Enron likely to hurt GOP

At least seven congressional committees are holding hearings this week on the Enron affair. They have attracted more attention than the release of President Bush’s budget.

Politically, the implications of the Houston energy giant’s fall may be becoming more important to Democratic hopes for the year, now that statistics indicate the economy is beginning to perk up.

But the chances Democrats can benefit from the Enron scandal may stem less from the specifics of the case than from generalized public sentiment that business interests have too much influence over Mr. Bush and his administration.

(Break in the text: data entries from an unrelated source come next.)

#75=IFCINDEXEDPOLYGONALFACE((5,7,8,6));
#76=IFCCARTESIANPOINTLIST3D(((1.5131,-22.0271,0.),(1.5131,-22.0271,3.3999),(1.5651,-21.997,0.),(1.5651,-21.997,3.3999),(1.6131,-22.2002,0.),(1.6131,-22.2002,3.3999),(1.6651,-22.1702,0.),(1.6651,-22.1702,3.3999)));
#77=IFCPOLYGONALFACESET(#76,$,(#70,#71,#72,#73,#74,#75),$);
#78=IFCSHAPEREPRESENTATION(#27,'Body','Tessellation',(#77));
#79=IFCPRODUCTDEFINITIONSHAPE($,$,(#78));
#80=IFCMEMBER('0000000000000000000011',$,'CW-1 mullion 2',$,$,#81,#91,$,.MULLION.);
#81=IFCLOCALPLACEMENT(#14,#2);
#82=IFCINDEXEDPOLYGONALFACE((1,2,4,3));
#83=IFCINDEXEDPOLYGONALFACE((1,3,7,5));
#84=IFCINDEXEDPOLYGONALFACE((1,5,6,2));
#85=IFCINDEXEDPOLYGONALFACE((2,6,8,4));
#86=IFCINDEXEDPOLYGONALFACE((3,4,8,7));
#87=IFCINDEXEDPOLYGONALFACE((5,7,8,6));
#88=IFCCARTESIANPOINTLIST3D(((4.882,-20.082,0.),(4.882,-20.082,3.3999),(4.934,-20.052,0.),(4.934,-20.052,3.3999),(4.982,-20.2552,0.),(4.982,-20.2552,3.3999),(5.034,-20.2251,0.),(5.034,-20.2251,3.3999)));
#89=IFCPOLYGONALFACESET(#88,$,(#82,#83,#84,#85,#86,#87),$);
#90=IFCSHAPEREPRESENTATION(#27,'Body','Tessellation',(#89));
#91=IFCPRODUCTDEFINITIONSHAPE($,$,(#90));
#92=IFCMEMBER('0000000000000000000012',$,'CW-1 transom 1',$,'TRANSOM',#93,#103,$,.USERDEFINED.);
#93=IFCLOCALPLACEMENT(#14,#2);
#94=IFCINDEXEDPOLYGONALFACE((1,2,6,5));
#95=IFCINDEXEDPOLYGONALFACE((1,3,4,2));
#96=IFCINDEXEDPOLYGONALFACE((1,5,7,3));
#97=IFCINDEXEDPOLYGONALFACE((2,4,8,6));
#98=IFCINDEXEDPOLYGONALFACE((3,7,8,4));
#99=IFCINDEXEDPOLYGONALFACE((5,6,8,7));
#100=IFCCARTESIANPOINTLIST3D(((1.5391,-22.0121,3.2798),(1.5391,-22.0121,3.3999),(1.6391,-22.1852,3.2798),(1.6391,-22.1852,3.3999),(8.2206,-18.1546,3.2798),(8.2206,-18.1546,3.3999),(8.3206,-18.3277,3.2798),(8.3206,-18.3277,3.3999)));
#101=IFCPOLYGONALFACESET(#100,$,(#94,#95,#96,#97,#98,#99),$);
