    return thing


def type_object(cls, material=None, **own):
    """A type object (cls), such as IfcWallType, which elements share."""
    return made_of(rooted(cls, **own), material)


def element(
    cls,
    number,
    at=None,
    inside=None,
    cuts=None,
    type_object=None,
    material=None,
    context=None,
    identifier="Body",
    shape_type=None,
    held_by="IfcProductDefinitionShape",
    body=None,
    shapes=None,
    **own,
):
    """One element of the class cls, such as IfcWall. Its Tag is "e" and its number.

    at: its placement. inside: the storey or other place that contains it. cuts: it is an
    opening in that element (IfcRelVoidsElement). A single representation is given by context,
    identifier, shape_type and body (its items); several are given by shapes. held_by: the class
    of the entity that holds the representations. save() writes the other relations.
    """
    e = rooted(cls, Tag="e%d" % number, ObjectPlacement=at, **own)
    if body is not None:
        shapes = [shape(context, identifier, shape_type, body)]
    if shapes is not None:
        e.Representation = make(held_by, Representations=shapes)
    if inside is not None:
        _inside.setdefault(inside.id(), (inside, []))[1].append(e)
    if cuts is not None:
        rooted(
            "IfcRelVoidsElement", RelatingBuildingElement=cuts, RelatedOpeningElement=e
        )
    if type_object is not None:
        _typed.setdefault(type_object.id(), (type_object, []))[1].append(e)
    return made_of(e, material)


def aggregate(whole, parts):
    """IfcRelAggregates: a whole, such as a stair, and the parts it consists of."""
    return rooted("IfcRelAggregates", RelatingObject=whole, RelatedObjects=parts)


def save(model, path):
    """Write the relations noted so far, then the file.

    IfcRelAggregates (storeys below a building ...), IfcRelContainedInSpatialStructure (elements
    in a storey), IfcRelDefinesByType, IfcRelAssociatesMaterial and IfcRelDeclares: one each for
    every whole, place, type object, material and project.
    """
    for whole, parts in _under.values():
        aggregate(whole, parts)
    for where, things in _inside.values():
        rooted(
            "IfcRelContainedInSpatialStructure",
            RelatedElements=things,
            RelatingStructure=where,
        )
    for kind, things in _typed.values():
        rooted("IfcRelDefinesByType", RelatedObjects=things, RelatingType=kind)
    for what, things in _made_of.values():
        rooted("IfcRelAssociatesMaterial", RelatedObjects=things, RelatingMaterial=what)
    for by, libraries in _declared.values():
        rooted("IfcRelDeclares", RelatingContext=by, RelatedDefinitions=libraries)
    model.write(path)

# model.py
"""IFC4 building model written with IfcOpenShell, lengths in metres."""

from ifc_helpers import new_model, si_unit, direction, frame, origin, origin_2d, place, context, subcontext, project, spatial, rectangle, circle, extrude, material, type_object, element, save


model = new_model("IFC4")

That is because, from all that is known so far, there seems to be no real evidence that the administration mishandled the collapse of the company that was one of its biggest campaign supporters.

That is so even though Mr. Bush and his advisers sometimes have given the impression they had something to hide when they apparently did nothing wrong.

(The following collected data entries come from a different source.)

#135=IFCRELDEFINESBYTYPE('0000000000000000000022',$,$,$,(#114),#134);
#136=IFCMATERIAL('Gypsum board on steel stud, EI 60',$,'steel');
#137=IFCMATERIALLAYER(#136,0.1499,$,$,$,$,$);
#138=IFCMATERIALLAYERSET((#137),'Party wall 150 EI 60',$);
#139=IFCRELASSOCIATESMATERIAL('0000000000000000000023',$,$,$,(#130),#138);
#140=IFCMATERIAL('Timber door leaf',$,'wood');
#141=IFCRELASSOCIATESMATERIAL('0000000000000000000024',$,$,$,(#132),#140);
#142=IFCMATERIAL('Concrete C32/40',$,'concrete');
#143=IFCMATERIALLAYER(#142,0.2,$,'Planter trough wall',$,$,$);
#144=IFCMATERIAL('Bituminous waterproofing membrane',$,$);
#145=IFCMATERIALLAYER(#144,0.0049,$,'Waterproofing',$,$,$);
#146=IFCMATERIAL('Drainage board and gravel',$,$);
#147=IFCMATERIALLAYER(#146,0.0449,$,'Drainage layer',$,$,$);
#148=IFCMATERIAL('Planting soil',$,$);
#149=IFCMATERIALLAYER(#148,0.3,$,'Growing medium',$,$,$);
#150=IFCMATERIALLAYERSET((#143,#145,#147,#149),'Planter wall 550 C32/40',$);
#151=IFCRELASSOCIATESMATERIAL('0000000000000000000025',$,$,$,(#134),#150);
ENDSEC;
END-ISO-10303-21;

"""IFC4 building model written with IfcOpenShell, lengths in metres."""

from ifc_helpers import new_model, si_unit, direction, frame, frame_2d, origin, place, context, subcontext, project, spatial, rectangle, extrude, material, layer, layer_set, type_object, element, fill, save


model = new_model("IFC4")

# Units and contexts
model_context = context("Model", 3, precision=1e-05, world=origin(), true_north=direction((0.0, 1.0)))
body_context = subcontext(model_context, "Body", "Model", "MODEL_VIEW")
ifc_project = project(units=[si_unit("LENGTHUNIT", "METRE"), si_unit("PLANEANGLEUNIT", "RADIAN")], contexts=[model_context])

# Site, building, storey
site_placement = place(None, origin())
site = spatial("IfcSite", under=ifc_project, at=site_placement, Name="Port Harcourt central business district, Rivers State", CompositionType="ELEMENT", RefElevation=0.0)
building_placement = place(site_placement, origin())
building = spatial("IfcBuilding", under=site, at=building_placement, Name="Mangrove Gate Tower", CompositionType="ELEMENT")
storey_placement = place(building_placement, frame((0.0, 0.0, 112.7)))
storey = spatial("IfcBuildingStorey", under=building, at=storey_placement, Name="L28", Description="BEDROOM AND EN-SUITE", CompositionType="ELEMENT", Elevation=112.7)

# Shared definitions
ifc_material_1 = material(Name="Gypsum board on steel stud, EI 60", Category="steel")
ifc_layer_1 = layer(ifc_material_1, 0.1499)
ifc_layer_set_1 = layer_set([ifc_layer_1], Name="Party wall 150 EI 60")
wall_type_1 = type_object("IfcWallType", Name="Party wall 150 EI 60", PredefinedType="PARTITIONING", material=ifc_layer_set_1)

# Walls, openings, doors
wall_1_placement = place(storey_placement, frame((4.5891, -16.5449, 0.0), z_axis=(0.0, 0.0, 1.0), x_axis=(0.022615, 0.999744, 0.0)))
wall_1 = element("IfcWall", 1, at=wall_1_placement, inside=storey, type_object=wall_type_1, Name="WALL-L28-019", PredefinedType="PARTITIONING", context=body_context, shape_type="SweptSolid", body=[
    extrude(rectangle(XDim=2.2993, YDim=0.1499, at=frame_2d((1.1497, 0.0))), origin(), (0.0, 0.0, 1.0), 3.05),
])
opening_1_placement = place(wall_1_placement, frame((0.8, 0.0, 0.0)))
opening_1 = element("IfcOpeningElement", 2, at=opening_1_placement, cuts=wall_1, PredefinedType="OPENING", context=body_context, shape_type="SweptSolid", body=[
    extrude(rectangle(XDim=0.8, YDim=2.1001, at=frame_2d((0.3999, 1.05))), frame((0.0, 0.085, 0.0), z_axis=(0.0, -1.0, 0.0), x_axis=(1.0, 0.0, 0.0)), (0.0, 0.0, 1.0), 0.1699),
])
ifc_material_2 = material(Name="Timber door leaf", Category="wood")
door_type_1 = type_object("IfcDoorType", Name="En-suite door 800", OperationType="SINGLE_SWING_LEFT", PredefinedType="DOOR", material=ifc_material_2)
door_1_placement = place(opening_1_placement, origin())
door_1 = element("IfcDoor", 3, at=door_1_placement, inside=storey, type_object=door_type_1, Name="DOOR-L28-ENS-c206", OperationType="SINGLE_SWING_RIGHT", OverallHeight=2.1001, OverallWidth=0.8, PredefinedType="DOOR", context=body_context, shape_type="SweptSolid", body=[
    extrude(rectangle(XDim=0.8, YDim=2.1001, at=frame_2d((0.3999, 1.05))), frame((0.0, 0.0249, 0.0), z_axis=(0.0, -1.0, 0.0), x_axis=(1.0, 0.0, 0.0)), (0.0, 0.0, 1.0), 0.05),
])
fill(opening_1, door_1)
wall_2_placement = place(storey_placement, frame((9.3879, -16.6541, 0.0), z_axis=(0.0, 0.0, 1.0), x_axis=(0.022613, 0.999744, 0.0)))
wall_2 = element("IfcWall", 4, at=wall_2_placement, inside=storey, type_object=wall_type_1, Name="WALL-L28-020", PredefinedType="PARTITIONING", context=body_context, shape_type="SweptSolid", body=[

In his initial comments on the matter last month, Mr. Bush acted as if he barely knew Kenneth Lay, a longtime family friend. He referred to the man he once dubbed “Kenny Boy” as “Mr. Lay,” asserting that the Enron chairman supported his 1994 rival, former Democratic Gov. Ann Richards.

In fact, Mr. Lay “supported” both candidates financially. He gave more money to the Republican, though Ms. Richards revealed last week on CNN’s Larry King Live that he told her he probably would vote for her.

As the scandal attracted more attention, Mr. Bush began to criticize the top Enron management, noting that his mother-in-law was one of the many victims of the collapse in the company’s stock.

Then there were those phone calls from Mr. Lay to Treasury Secretary Paul O’Neill and Commerce Secretary Don Evans about the company’s dire straits. From what is known, neither did anything about the warnings, bolstering the administration’s contention that it gave Enron no direct governmental help in its hour of need.

Some Democrats said Mr. O’Neill should have warned the public while Enron stock still had some value. (As the holder of some inherited Enron stock on which I have lost the paper gains of recent years, I wish I had known that bankruptcy was imminent.)

But Mr. O’Neill said on Fox News Sunday that was the company’s responsibility, not the government’s. He said that what Mr. Lay told him was “not new news” and that all he knew was that “they were struggling.”

There also is the question of Enron influence on Vice President Dick Cheney’s energy plan. It is behind the fight in which the General Accounting Office says it will sue the White House to make public the names of people consulted by Mr. Cheney’s task force.

The task force adopted some, though not all, positions favored by Enron. But that hardly is surprising, since Mr. Bush and Mr. Cheney both held positions in the oil industry and generally share its views.

All of this probably would matter less politically were it not for the public’s innate suspicion of the relationship between the administration and big business.

A recent CBS News-New York Times poll showed that three in every five respondents felt that big business had too much influence over the Bush administration. An even larger proportion felt that big business had too much influence over Congress. A substantial plurality said Enron executives had closer ties to the GOP than to the Democrats.

Other surveys showed similar results.

Some Democrats have aggressively sought to tie the administration to Enron. Sen. Ernest F. Hollings, D-S.C., has urged a special prosecutor, accusing Mr. Bush of running an “Enron government” because so many top officials did consulting work or got campaign contributions from the company.

But other Democrats, recognizing the lack of any specific administration wrongdoing, have been more cautious. Rep. Dick Gephardt, D-Mo., used the E-word only once in the Democratic response to Mr. Bush’s State of the Union speech.


Carl P. Leubsdorf is Washington bureau chief of the Dallas Morning News.